Peer Feedback Examples for Designers
Real examples of constructive feedback on communication skills: presenting work, receiving critique, explaining decisions, and collaborating with stakeholders.
Get Your Own FeedbackWhat you'll learn
- 8 real examples of communication feedback for designers
- Both positive (reinforcing) and developmental (growth) feedback
- Specific, behavior-focused language you can learn from
- Covers presenting, receiving feedback, explaining decisions, and collaboration
Positive Feedback Examples
Great feedback reinforces specific behaviors worth continuing. Notice how these examples describe what the person did, not just that they did it well.
"Sarah consistently frames her design presentations around user problems and business outcomes, not just aesthetics. In last week's review, she started with the user insight, walked through her exploration, and clearly explained why the final direction best addressed the core need. The stakeholders left with full confidence in the direction."
"I've noticed Marcus takes feedback remarkably well. When I questioned his navigation approach, he didn't get defensive—he asked clarifying questions, took notes, and came back the next day with a thoughtful response that addressed my concerns while explaining constraints I hadn't considered."
"When engineering asked about the complexity of the animation, Priya didn't just say "trust me, it matters." She pulled up the user research showing how micro-interactions affected perceived performance, quantified the implementation cost, and proposed a simplified version that captured 80% of the value."
"Alex has become the designer that PMs request to work with. He attends sprint planning, understands technical constraints before designing, and proactively flags when a design might cause scope issues. His work rarely needs rework because he's collaborated throughout."
Developmental Feedback Examples
Growth feedback identifies specific behaviors and suggests alternatives. Notice how these examples avoid personal criticism while being direct about what could change.
"Jordan's design work is excellent, but presentations often lose the audience. Last month's review spent too much time on process details that stakeholders didn't need. Focusing presentations on the "what" and "why" rather than "how" would help—stakeholders want to understand the decision, not the journey."
"When feedback challenges Taylor's designs, I notice a pattern of immediate justification rather than listening. This can shut down valuable input. Pausing to fully understand the concern before responding would help—the feedback might reveal something the explanation would have dismissed."
"Riley sometimes struggles to articulate why one design direction is better than another. When pressed, the response is often "it feels right" or "it's better UX." Building a vocabulary around design principles and tying decisions to specific heuristics would strengthen credibility."
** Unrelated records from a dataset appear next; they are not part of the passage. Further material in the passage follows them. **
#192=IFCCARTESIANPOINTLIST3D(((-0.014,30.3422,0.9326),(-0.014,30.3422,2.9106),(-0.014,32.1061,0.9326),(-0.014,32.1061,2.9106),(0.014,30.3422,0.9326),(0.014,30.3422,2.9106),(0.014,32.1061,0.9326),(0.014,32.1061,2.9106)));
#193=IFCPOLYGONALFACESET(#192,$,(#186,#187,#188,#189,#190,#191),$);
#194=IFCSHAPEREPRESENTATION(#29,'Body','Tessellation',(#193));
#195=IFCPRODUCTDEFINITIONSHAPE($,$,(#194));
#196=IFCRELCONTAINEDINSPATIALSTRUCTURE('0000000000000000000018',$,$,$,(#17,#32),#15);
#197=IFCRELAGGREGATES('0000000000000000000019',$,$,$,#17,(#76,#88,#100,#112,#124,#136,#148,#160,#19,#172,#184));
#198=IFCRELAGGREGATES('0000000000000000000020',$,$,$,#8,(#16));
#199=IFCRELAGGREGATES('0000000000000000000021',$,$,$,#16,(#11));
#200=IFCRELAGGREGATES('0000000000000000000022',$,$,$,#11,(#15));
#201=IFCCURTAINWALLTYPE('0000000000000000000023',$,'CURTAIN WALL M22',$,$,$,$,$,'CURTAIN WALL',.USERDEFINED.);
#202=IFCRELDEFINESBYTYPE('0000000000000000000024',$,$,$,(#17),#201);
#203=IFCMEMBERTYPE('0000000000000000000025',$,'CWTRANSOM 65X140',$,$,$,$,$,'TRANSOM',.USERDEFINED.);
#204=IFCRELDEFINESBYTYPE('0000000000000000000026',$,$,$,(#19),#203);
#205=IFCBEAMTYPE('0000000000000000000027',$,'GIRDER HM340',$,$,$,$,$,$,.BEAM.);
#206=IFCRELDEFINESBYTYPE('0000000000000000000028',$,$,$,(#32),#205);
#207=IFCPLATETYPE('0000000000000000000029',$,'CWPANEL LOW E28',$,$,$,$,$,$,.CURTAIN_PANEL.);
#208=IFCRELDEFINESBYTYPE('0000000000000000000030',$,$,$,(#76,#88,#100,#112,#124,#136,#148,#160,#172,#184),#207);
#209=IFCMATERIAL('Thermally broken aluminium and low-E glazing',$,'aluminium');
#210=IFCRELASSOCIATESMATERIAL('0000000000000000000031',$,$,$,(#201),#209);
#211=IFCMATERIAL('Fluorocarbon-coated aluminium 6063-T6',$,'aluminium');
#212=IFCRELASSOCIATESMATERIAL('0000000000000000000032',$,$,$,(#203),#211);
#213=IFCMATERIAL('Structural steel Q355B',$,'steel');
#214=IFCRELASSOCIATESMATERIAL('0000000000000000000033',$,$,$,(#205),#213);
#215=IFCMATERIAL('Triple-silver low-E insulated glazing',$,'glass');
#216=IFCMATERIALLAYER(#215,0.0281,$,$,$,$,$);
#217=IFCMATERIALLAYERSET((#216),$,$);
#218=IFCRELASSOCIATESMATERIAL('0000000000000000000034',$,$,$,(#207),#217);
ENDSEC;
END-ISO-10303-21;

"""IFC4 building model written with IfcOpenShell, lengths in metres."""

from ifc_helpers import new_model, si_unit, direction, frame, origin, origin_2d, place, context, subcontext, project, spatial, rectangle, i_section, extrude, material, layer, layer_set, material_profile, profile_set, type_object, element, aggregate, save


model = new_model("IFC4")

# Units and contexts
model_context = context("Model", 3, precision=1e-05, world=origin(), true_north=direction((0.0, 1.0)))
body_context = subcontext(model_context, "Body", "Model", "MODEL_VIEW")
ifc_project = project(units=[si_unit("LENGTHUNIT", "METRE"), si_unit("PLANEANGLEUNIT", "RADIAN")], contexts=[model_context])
"Casey tends to work in isolation until designs are polished, then present finished work. This sometimes leads to rework when engineering or PM constraints emerge late. Earlier, rougher collaboration—even with messy sketches—would prevent misalignment."
Anatomy of Good Feedback
Notice the pattern in the examples above. Effective peer feedback includes:
- Specific situation: Not "you're good at presenting" but "in last week's review..."
- Observable behavior: What they actually did, not interpretation of intent
- Impact: How the behavior affected others or outcomes
- For developmental feedback: A specific alternative approach
Frequently Asked Questions
How specific should design feedback be?
Very specific. "Good communication" is useless; "frames presentations around user problems" is actionable. Reference specific situations, behaviors, and impacts whenever possible.
How do I give feedback on creative work without crushing confidence?
Separate the work from the person. Focus on behaviors and their impact, not personality. For developmental feedback, describe what you observed, the effect it had, and suggest a specific alternative approach.
Should peer feedback address design quality?
Communication feedback is appropriate for everyone. Design quality feedback is trickier—non-designers may not have the vocabulary or expertise. Focus on behaviors you can directly observe (presentation clarity, collaboration) rather than output quality.
How do I know if my feedback is helpful?
Ask yourself: could the person take a specific action based on this? If not, it's too vague. "Better presentations" isn't actionable; "start presentations with the user problem, then show how the design solves it" is.